Can someone shed some light on this? Is this for real or is this some whacker playing cop trying to get into some chicks pants?


----------



## 263FPD

Newton Savage said:


> So, here is something I have never heard of. My fiance's sister went on a date the other day in the Cambridge area and she said that the guy she went on a date with was a cop. She said that he showed up in a "all black outfit" and saying that he was a full time SWAT team member. He said that his gun was "concealed" because he was undercover and that he does "secret things" that he cannot discuss with her.
> 
> Can someone shed some light on this? Is this for real or is this some whacker playing cop trying to get into some chicks pants?


Secret Agent Man, Secret Agent Man, 
He will take away your virginity, 
And you'll never know his name...

Do you even have to ask if that's for real?


----------



## Newton Savage

263FPD said:


> Secret Agent Man, Secret Agent Man,
> He will take away your virginity,
> And you'll never know his name...
> 
> Do you even have to ask if that's for real?


She believes he is 100% legit.............


----------



## LGriffin

Totally legit, especially if she met him on Craigslist.


----------



## Goose

http://www.ar15.com/forums/t_1_5/14...onths_Pregnant_With_Another_Man_s_Child_.html


----------



## Hush

Dorner relative?


----------



## Goose

Newton Savage said:


> She said that he showed up in a "all black outfit" and saying that he was a full time SWAT team member. He said that his gun was "concealed" because he was undercover and that he does "secret things" that he cannot discuss with her.


Secret things, huh? Like pretending he's a cop?


----------



## Newton Savage

I keep trying to tell them it's fake, but no one is believing me. So I decided to make this post to prove my point with a point of view/reaction from the law enforcement community.


----------



## GARDA

Newton Savage said:


> So, here is something I have never heard of. My fiance's sister went on a date the other day in the Cambridge area and she said that the guy she went on a date with was a cop. She said that he showed up in a "all black outfit" and saying that he was a full time SWAT team member. He said that his gun was "concealed" because he was undercover and that he does "secret things" that he cannot discuss with her.
> 
> Can someone shed some light on this? Is this for real or is this some whacker playing cop trying to get into some chicks pants?


Okay, I'll say it. 
I've noticed a trend here:

A majority of *Newton Savage*'s posts seem to
contain a certain cereal box prize...


----------



## Guest

There is only one full.time SWAT team.in the state and they don't wear black. 

He is F O S. 

Sent from my ADR6400L using Tapatalk 2


----------



## Guest

Note: and the guys on.it would never act that way. 

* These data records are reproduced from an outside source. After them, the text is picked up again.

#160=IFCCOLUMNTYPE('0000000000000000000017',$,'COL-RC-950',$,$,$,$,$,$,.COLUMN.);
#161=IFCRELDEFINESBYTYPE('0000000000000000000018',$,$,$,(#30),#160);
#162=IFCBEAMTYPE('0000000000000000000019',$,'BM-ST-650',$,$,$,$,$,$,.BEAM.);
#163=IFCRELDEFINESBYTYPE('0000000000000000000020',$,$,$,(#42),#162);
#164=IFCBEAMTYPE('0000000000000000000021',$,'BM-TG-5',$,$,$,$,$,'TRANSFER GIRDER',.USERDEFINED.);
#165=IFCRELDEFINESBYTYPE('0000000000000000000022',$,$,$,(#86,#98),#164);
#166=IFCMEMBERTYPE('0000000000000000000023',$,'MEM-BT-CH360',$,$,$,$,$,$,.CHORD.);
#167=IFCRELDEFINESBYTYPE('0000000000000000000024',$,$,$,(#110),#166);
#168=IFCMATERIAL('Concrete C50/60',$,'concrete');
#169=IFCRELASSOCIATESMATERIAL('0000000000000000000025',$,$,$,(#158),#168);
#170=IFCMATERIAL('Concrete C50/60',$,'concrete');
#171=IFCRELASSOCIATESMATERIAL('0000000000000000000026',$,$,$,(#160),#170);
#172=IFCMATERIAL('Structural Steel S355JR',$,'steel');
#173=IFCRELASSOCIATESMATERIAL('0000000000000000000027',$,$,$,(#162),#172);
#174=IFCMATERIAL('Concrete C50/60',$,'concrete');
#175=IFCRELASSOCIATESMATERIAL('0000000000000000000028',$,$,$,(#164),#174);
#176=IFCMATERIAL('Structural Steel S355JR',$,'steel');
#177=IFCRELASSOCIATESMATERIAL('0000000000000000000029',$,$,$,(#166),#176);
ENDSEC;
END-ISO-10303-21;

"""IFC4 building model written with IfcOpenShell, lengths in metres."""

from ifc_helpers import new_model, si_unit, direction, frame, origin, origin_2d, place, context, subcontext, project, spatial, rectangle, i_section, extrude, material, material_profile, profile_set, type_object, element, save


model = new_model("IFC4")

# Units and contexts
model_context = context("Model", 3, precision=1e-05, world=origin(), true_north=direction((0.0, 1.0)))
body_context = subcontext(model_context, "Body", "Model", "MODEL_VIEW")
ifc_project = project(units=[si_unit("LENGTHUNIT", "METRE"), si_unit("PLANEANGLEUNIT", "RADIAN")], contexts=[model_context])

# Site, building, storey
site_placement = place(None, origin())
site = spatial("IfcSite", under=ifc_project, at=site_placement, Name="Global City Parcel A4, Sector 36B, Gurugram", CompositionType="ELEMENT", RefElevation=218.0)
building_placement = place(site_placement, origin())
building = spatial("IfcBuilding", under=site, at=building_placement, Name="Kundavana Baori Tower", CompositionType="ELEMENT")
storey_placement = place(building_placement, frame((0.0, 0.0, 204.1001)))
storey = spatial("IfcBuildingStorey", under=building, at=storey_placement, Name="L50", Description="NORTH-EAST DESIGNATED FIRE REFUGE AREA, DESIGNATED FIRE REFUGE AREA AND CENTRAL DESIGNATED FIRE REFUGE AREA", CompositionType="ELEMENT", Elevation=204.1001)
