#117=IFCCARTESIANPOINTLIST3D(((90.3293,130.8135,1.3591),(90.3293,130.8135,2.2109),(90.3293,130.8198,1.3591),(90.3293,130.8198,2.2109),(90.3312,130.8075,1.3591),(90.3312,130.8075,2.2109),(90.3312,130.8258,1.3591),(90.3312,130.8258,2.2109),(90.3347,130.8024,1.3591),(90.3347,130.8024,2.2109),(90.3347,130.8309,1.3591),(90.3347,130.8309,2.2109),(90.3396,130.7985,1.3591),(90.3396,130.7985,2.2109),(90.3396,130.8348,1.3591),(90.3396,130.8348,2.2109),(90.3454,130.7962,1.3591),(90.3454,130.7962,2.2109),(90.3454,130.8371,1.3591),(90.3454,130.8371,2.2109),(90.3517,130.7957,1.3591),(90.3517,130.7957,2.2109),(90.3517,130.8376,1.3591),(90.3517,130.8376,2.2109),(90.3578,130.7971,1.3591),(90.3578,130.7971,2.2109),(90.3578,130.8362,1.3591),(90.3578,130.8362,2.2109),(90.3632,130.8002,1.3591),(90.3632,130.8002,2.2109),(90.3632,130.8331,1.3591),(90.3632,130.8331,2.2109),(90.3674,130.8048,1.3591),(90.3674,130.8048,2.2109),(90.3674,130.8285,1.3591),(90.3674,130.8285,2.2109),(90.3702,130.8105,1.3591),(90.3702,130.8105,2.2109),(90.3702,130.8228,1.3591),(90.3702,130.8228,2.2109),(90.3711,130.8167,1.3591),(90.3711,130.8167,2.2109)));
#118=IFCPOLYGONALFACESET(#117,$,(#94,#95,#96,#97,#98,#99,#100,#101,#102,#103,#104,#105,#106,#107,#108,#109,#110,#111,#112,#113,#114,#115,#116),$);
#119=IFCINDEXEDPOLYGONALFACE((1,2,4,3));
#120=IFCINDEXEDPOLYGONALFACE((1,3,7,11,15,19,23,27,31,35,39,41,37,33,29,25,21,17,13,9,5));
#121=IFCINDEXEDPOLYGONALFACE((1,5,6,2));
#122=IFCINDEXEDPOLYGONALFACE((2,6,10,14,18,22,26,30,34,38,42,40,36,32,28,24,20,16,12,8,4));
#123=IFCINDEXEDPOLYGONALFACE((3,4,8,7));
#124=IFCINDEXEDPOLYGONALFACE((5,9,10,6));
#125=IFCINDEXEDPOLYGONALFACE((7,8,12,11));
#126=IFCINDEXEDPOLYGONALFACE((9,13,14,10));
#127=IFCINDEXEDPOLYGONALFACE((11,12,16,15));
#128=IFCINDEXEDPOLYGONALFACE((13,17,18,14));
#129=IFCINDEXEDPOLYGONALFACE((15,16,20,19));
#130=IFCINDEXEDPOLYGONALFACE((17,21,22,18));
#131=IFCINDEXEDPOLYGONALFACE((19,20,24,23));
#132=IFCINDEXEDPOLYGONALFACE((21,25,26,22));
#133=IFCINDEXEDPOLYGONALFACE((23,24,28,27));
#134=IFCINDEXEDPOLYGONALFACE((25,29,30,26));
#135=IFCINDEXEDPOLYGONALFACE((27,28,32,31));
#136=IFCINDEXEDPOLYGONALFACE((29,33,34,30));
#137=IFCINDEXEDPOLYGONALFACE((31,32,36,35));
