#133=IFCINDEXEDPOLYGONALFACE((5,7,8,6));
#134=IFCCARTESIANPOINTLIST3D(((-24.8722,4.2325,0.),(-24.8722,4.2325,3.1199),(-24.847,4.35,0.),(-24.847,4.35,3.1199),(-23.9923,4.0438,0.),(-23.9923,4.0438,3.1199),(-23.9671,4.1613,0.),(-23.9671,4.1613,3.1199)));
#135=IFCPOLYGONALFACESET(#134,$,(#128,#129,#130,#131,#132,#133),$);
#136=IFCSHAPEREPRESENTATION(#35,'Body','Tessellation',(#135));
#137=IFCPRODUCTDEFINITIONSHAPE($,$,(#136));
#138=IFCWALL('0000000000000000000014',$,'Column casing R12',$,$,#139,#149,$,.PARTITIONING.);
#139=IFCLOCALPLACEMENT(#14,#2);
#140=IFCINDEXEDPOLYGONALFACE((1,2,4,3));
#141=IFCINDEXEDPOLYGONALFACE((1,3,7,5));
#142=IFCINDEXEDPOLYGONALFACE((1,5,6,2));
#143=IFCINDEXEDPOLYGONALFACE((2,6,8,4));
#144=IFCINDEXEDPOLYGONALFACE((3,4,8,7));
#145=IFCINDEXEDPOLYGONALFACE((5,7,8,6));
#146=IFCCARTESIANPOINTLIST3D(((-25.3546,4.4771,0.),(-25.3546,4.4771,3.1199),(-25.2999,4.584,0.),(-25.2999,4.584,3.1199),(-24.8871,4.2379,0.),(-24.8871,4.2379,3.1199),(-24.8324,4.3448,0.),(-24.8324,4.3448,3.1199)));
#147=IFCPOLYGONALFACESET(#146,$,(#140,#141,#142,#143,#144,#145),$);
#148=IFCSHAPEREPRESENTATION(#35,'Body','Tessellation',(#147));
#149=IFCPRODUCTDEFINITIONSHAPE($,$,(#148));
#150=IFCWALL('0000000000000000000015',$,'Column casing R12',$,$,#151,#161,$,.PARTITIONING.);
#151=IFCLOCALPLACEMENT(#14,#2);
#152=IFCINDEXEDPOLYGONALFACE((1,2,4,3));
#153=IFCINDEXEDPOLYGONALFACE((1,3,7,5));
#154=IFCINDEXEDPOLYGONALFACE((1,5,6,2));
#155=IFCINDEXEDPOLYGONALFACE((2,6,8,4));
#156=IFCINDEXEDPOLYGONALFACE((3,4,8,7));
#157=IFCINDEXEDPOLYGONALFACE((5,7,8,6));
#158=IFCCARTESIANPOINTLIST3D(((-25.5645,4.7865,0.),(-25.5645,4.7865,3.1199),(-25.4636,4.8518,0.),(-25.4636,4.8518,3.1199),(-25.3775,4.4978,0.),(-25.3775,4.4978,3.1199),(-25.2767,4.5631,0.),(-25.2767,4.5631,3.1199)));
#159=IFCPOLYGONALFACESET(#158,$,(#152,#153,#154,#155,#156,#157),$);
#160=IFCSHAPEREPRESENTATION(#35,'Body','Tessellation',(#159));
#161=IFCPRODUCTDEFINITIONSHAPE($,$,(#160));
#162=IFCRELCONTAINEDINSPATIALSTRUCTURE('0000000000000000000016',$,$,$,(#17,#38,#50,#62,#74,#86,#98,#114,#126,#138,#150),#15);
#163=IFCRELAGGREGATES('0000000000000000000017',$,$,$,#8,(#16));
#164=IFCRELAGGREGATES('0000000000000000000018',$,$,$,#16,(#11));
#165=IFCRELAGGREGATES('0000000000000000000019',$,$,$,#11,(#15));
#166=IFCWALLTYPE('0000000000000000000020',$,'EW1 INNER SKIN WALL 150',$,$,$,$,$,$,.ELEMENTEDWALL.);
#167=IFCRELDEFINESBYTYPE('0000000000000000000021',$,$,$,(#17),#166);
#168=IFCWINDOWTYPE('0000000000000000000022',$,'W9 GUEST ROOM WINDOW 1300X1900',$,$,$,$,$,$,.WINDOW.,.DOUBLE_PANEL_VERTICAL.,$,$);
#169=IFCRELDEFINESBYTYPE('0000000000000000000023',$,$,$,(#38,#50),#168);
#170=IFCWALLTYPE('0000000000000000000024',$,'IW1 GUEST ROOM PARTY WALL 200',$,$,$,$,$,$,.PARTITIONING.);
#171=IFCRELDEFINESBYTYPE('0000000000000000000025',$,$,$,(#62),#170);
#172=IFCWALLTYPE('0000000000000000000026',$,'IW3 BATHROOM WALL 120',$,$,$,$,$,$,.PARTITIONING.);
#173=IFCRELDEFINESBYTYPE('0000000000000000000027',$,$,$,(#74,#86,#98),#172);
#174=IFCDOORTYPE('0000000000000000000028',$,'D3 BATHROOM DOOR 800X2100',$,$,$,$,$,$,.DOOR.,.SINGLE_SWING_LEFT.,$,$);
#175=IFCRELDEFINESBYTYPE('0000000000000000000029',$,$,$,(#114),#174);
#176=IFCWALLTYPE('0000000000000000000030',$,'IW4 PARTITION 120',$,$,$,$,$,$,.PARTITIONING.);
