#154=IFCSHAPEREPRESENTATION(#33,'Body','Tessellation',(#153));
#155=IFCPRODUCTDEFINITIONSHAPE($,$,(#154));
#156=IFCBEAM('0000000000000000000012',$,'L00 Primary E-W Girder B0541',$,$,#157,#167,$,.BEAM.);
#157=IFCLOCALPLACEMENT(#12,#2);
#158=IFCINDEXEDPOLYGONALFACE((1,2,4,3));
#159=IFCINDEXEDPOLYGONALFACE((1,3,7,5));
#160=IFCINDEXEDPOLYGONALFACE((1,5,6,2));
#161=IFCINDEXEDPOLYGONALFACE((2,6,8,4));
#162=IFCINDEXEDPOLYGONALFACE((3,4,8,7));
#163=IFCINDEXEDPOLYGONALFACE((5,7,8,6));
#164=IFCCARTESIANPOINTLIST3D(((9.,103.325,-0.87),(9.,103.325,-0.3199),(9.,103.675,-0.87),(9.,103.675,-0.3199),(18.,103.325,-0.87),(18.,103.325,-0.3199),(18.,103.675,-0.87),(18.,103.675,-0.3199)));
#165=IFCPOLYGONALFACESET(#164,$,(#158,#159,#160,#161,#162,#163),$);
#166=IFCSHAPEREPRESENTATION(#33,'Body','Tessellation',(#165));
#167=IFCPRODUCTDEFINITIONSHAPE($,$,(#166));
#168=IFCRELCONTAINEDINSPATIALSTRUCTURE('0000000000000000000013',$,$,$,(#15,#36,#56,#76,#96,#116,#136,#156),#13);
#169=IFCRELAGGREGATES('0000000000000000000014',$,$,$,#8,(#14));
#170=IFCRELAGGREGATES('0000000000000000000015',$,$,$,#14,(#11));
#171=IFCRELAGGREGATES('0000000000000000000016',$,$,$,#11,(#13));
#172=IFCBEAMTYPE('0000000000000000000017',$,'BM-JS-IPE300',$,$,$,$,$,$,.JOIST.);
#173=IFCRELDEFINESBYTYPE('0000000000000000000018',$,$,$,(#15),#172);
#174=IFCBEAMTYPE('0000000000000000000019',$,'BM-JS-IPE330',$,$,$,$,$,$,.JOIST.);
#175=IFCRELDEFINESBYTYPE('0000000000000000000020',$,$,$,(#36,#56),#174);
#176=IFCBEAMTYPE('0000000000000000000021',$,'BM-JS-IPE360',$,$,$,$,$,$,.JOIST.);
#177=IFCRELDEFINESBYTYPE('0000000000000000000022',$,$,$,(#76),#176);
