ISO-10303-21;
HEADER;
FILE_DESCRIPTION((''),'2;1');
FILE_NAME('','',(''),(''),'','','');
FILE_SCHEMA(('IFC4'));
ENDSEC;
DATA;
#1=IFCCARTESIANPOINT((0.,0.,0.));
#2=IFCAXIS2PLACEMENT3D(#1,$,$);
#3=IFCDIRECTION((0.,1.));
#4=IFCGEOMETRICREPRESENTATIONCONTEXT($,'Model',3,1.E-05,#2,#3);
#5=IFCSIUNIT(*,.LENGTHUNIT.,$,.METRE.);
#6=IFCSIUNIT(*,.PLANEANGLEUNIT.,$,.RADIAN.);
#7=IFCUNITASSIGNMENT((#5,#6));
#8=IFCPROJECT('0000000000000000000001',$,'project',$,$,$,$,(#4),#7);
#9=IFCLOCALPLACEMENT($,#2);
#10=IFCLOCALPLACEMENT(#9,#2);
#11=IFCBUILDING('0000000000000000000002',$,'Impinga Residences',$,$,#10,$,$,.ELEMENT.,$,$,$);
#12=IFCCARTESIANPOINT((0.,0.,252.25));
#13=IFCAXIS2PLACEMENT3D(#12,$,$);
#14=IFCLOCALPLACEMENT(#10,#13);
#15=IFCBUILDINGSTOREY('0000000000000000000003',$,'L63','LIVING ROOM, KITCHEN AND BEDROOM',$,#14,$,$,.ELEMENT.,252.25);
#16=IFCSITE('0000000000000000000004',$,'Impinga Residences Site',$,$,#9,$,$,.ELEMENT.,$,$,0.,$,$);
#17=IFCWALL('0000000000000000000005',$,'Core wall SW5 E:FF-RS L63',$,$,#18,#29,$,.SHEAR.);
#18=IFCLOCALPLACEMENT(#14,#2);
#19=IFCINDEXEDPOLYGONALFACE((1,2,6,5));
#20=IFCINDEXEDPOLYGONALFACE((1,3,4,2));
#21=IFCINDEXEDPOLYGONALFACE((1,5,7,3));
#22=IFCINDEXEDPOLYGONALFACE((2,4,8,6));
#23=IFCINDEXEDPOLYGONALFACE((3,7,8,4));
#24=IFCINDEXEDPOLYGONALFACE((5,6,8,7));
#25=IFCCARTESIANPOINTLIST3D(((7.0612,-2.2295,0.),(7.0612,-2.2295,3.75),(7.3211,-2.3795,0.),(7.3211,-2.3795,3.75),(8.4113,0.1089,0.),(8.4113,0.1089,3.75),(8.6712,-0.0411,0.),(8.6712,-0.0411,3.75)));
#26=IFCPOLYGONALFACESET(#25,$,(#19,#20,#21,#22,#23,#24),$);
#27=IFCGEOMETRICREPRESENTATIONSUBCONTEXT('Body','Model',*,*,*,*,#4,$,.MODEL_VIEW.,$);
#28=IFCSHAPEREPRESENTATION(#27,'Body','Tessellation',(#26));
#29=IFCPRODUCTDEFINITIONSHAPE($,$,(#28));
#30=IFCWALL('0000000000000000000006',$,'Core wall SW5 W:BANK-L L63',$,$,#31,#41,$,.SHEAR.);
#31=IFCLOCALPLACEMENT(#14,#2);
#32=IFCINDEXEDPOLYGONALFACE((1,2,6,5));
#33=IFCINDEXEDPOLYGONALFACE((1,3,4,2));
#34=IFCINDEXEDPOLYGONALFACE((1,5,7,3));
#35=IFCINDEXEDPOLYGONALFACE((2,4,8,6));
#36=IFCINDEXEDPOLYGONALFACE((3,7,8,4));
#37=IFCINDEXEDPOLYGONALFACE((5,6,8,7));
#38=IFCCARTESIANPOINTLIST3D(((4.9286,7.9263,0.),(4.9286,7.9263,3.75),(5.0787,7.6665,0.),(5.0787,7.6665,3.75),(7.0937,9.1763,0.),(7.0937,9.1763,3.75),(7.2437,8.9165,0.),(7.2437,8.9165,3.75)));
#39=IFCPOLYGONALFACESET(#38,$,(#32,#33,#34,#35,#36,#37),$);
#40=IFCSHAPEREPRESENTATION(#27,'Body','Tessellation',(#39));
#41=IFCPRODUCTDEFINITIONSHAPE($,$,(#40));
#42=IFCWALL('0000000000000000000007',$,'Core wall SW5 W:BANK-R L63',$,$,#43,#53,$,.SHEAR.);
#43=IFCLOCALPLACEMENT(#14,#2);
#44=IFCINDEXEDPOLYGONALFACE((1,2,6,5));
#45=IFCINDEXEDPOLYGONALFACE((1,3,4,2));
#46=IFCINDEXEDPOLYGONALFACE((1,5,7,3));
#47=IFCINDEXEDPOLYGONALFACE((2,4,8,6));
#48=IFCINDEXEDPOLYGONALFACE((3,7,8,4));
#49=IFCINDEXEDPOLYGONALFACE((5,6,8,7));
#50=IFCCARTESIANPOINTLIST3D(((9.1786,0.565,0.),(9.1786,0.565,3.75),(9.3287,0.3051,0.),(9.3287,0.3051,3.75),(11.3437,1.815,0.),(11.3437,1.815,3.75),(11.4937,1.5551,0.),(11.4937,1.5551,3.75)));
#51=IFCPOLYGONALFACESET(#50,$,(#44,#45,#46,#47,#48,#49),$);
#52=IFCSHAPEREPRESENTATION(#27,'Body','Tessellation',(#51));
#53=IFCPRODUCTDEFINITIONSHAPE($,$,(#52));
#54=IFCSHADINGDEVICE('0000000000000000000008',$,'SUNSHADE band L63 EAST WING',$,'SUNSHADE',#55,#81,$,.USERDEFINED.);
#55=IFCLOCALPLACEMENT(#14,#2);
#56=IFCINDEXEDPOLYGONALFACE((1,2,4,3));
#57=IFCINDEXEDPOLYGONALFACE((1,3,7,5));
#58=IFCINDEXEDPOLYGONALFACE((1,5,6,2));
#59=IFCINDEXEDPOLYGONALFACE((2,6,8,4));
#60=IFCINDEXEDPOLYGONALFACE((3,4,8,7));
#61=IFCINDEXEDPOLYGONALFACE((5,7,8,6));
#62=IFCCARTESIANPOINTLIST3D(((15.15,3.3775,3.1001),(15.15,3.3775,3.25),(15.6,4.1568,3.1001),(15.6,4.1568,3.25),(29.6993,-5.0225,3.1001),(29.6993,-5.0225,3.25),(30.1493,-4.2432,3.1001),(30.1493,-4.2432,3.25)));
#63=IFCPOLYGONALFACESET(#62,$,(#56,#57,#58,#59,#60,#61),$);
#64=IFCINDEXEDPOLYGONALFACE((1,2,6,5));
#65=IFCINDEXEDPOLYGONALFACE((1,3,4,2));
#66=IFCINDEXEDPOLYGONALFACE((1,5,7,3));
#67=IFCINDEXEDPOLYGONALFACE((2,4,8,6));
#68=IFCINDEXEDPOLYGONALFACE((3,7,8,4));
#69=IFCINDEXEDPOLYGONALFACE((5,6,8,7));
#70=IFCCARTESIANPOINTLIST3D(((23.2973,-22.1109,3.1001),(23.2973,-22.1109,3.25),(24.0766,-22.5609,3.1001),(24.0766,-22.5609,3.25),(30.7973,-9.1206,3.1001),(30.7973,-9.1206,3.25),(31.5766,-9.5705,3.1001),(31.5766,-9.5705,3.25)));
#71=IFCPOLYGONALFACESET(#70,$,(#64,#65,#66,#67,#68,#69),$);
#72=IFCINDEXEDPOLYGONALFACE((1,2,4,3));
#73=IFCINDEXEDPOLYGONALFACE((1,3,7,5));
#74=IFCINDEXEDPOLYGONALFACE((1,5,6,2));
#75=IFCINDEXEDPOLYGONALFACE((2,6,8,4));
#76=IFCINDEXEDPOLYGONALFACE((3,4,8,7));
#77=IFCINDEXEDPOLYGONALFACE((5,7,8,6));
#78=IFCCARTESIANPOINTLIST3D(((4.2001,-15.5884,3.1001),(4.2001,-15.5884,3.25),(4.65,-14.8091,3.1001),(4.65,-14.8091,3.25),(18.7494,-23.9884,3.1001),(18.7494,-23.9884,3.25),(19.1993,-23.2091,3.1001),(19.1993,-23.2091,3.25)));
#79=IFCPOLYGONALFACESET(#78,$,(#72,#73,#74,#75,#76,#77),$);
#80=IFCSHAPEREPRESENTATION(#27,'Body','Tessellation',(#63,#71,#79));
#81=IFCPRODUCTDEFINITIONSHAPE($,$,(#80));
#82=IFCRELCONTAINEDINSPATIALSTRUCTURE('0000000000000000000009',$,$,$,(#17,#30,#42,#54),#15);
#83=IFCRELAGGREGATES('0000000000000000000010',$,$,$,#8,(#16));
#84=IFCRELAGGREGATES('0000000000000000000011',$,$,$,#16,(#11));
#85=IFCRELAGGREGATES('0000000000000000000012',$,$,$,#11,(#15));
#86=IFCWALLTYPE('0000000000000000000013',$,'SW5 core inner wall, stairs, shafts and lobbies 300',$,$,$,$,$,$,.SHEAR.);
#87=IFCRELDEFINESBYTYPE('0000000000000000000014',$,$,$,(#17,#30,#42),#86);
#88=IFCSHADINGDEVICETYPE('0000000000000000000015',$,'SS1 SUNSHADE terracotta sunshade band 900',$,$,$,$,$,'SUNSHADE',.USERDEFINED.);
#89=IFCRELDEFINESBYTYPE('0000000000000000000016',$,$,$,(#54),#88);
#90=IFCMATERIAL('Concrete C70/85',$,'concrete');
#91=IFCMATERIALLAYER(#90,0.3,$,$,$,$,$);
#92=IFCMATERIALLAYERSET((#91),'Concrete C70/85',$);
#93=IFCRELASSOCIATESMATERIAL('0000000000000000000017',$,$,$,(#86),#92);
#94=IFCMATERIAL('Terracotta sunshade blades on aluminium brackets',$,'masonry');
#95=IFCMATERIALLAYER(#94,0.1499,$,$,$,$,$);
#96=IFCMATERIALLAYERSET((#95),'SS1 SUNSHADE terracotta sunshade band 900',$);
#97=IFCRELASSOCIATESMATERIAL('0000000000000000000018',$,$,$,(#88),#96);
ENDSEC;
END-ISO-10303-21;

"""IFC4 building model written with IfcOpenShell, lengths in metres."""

from ifc_helpers import new_model, si_unit, direction, frame, frame_2d, origin, origin_2d, place, context, subcontext, project, spatial, rectangle, extrude, material, layer, layer_set, type_object, element, save


model = new_model("IFC4")

# Units and contexts
model_context = context("Model", 3, precision=1e-05, world=origin(), true_north=direction((0.0, 1.0)))
body_context = subcontext(model_context, "Body", "Model", "MODEL_VIEW")
ifc_project = project(units=[si_unit("LENGTHUNIT", "METRE"), si_unit("PLANEANGLEUNIT", "RADIAN")], contexts=[model_context])

# Site, building, storey
site_placement = place(None, origin())
site = spatial("IfcSite", under=ifc_project, at=site_placement, Name="Impinga Residences Site", CompositionType="ELEMENT", RefElevation=0.0)
building_placement = place(site_placement, origin())
building = spatial("IfcBuilding", under=site, at=building_placement, Name="Impinga Residences", CompositionType="ELEMENT")
storey_placement = place(building_placement, frame((0.0, 0.0, 252.25)))
storey = spatial("IfcBuildingStorey", under=building, at=storey_placement, Name="L63", Description="LIVING ROOM, KITCHEN AND BEDROOM", CompositionType="ELEMENT", Elevation=252.25)

# Shared definitions
ifc_material_1 = material(Name="Concrete C70/85", Category="concrete")
ifc_layer_1 = layer(ifc_material_1, 0.3)
ifc_layer_set_1 = layer_set([ifc_layer_1], Name="Concrete C70/85")
wall_type_1 = type_object("IfcWallType", Name="SW5 core inner wall, stairs, shafts and lobbies 300", PredefinedType="SHEAR", material=ifc_layer_set_1)

# Walls
wall_1_placement = place(storey_placement, frame((8.5413, 0.0339, 0.0), z_axis=(0.0, 0.0, 1.0), x_axis=(-0.500009, -0.86602, 0.0)))
element("IfcWall", 1, at=wall_1_placement, inside=storey, type_object=wall_type_1, Name="Core wall SW5 E:FF-RS L63", PredefinedType="SHEAR", context=body_context, shape_type="SweptSolid", body=[
    extrude(rectangle(XDim=2.7002, YDim=0.3, at=frame_2d((1.3501, 0.0))), origin(), (0.0, 0.0, 1.0), 3.75),
])
for number, where, z_axis, x_axis, name in (
    (2, (5.0037, 7.7964, 0.0), (0.0, 0.0, 1.0), (0.866023, 0.500004, 0.0), "Core wall SW5 W:BANK-L L63"),
    (3, (9.2537, 0.4351, 0.0), (0.0, 0.0, 1.0), (0.866023, 0.500004, 0.0), "Core wall SW5 W:BANK-R L63"),
):
    element("IfcWall", number, at=place(storey_placement, frame(where, z_axis=z_axis, x_axis=x_axis)), inside=storey, type_object=wall_type_1, Name=name, PredefinedType="SHEAR", context=body_context, shape_type="SweptSolid", body=[
        extrude(rectangle(XDim=2.5, YDim=0.3, at=frame_2d((1.25, 0.0))), origin(), (0.0, 0.0, 1.0), 3.75),
    ])

# Shading device
ifc_material_2 = material(Name="Terracotta sunshade blades on aluminium brackets", Category="masonry")
ifc_layer_2 = layer(ifc_material_2, 0.1499)
ifc_layer_set_2 = layer_set([ifc_layer_2], Name="SS1 SUNSHADE terracotta sunshade band 900")
shading_device_type = type_object("IfcShadingDeviceType", Name="SS1 SUNSHADE terracotta sunshade band 900", ElementType="SUNSHADE", PredefinedType="USERDEFINED", material=ifc_layer_set_2)
shading_device_placement = place(storey_placement, frame((22.6497, -0.4329, 3.1001), z_axis=(0.0, 0.0, 1.0), x_axis=(0.866025, -0.5, 0.0)))
element("IfcShadingDevice", 4, at=shading_device_placement, inside=storey, type_object=shading_device_type, Name="SUNSHADE band L63 EAST WING", ObjectType="SUNSHADE", PredefinedType="USERDEFINED", context=body_context, shape_type="SweptSolid", body=[
    extrude(rectangle(XDim=16.8, YDim=0.8999, at=origin_2d()), origin(), (0.0, 0.0, 1.0), 0.1499),
    extrude(rectangle(XDim=15.0, YDim=0.8999, at=origin_2d()), frame((11.8499, -10.95, 0.0), z_axis=(0.0, 0.0, 1.0), x_axis=(0.0, -1.0, 0.0)), (0.0, 0.0, 1.0), 0.1499),
    extrude(rectangle(XDim=16.8, YDim=0.8999, at=origin_2d()), frame((0.0, -21.8999, 0.0), z_axis=(0.0, 0.0, 1.0), x_axis=(-1.0, 0.0, 0.0)), (0.0, 0.0, 1.0), 0.1499),
])

save(model, "model.ifc")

Sent from my ADR6400L using Tapatalk 2


----------



## LGriffin

So you posted this thread to knock some sense into her? I doubt she'll listen since she thinks "undercover SWAT" guys are flocking to Cambridge to "act stupidly" on blind dates. Pray she doesn't end up in a ditch after Mr. Dress Up does "secret things" to her.

This guy was somebody too:
http://www.masscops.com/threads/oh-nooooo.111901/


----------



## 263FPD

Newton Savage said:


> She believes he is 100% legit.............





LGriffin said:


> Totally legit, especially if she met him on Craigslist.


----------



## 263FPD

mtc said:


> What's his name?
> 
> What does Google tell you about him?


He couldn't tell her his name.. It's super secret because he is under cover.


----------



## Hush

One of my FAVORITE commercials!
Uhhh....Bon jour?


----------



## LGriffin

263FPD said:


> He couldn't tell her his name.. It's super secret because he is under cover.


UC SWAT!!! ROFL


----------



## 263FPD

I bet she loved his ride though


----------



## 263FPD

LGriffin said:


> _*UC SWAT*_!!! ROFL


Almost. he is a TWAT I. C.


----------



## 263FPD

I think that this thread should be merged with the sexual assault training thread. 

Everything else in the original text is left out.